The Equalisation Fund Advisory Board, under the auspices of which the hospitals were built between December 2017 and May 2019, was declared an illegal entity via a High Court decision in November 2019.

This means that the hospitals, which are complete, remain unused as the national government cannot hand over structures that were constructed by an entity that the courts have declared illegal.

Health Cabinet Secretary Mutahi Kagwe has resorted to pleading with the counties to accept the hospitals.

“It would be prudent that the facilities be handed over so that they can be used as response centres to the (Covid-19) pandemic in marginalised counties,” Mr Kagwe said in an April 2 letter addressed to Council of Governors chairman Wycliffe Oparanya.



The letter has also been copied to Attorney-General Kihara Kariuki, Treasury Cabinet Secretary Ukur Yatani and Health Principal Secretary Susan Mochache.

The current situation, Mr Kagwe says, means that the Equalisation Fund budget cannot be uploaded to the Ifmis system to enable processing of payments.

In the 2016/17 financial year, Mr Kagwe said, the ministry was allocated Sh1.964 billion to build the hospitals. He now wants the matter settled out of court and modalities of handing over the hospitals agreed upon.

“Allow the National Treasury to upload the budget for the 2019/20 budget to facilitate payments of pending bills in line with the presidential directive and allow contractors to complete the remaining works,” he urged the governors.

In the November 2019 ruling, the High Court held that the national government was only limited to the operational aspects of the fund, including the preparation, allocation and execution of budgetary decisions with regard to that account, using established financial procedures.

“These provisions do not give the national government any powers in relation to the decisions and manner of expenditure of the monies in that account.
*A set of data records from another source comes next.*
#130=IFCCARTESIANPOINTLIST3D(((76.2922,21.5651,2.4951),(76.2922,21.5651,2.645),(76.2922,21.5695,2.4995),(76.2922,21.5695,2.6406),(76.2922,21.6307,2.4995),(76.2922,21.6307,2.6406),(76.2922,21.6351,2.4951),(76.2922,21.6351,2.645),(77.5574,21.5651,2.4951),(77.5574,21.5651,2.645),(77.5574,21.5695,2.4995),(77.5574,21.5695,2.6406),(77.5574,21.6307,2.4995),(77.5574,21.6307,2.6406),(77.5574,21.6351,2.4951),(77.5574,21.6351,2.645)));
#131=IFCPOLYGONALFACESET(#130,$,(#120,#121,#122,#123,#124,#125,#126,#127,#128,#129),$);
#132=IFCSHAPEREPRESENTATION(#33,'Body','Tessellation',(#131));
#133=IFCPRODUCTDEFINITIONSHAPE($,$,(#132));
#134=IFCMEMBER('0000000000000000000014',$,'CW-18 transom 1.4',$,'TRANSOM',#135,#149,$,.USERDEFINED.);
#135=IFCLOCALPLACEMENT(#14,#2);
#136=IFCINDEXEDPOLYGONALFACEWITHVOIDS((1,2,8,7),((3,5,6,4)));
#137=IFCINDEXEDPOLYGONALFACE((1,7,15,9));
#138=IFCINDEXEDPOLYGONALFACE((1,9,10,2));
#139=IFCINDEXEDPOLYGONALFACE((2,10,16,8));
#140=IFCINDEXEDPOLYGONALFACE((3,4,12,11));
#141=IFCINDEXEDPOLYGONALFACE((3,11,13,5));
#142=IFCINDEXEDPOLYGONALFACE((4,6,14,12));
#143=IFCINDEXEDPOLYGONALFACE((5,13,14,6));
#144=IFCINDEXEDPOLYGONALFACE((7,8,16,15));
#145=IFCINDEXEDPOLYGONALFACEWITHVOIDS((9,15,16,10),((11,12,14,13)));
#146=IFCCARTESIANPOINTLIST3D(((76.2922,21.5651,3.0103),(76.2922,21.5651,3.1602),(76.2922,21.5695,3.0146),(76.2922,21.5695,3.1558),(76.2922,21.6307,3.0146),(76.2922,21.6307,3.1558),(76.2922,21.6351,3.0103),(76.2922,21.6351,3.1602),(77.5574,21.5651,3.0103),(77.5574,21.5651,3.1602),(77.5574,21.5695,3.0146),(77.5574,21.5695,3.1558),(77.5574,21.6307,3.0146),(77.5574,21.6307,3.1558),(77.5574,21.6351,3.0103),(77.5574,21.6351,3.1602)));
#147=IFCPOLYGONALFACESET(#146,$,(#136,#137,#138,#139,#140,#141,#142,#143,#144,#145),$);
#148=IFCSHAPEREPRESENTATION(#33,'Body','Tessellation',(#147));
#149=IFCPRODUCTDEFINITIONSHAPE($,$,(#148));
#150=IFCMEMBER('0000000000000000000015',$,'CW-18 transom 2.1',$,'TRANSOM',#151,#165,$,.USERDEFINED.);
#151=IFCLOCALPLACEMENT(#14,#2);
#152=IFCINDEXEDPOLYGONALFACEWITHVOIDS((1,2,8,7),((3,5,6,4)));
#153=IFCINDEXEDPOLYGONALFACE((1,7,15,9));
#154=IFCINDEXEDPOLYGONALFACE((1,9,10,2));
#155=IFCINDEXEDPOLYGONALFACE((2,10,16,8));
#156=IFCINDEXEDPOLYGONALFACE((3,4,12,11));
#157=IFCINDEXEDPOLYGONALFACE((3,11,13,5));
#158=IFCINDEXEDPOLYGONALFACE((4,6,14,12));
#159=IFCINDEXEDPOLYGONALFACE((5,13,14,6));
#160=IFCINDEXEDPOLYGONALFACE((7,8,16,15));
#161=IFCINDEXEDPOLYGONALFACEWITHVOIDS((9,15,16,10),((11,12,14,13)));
Under Articles 204 and 216, these functions are the preserve of the Commission on Revenue Allocation (CRA),” the High Court ruled.


This was a huge win to the 14 counties that joined the Senate and the CRA to file the case that sought to have the court declare that the fund, meant for the benefit of marginalised counties, can only be disbursed by the national government through the respective county governments, and in accordance with the recommendations made by the CRA as approved by Parliament.

They are Turkana, Mandera, Wajir, Marsabit, Samburu, West Pokot, Tana River, Narok, Kwale, Garissa, Kilifi, Taita Taveta, Isiolo, and Lamu.

In 2018, they shared Sh11.98 billion, with Turkana getting the largest share at Sh1.05 billion followed by Mandera (Sh967.6 million) and Wajir (Sh929.8 million).

The other big beneficiaries were Marsabit (Sh886.2 million), Samburu (Sh869.7 million) and Tana River (Sh859 million).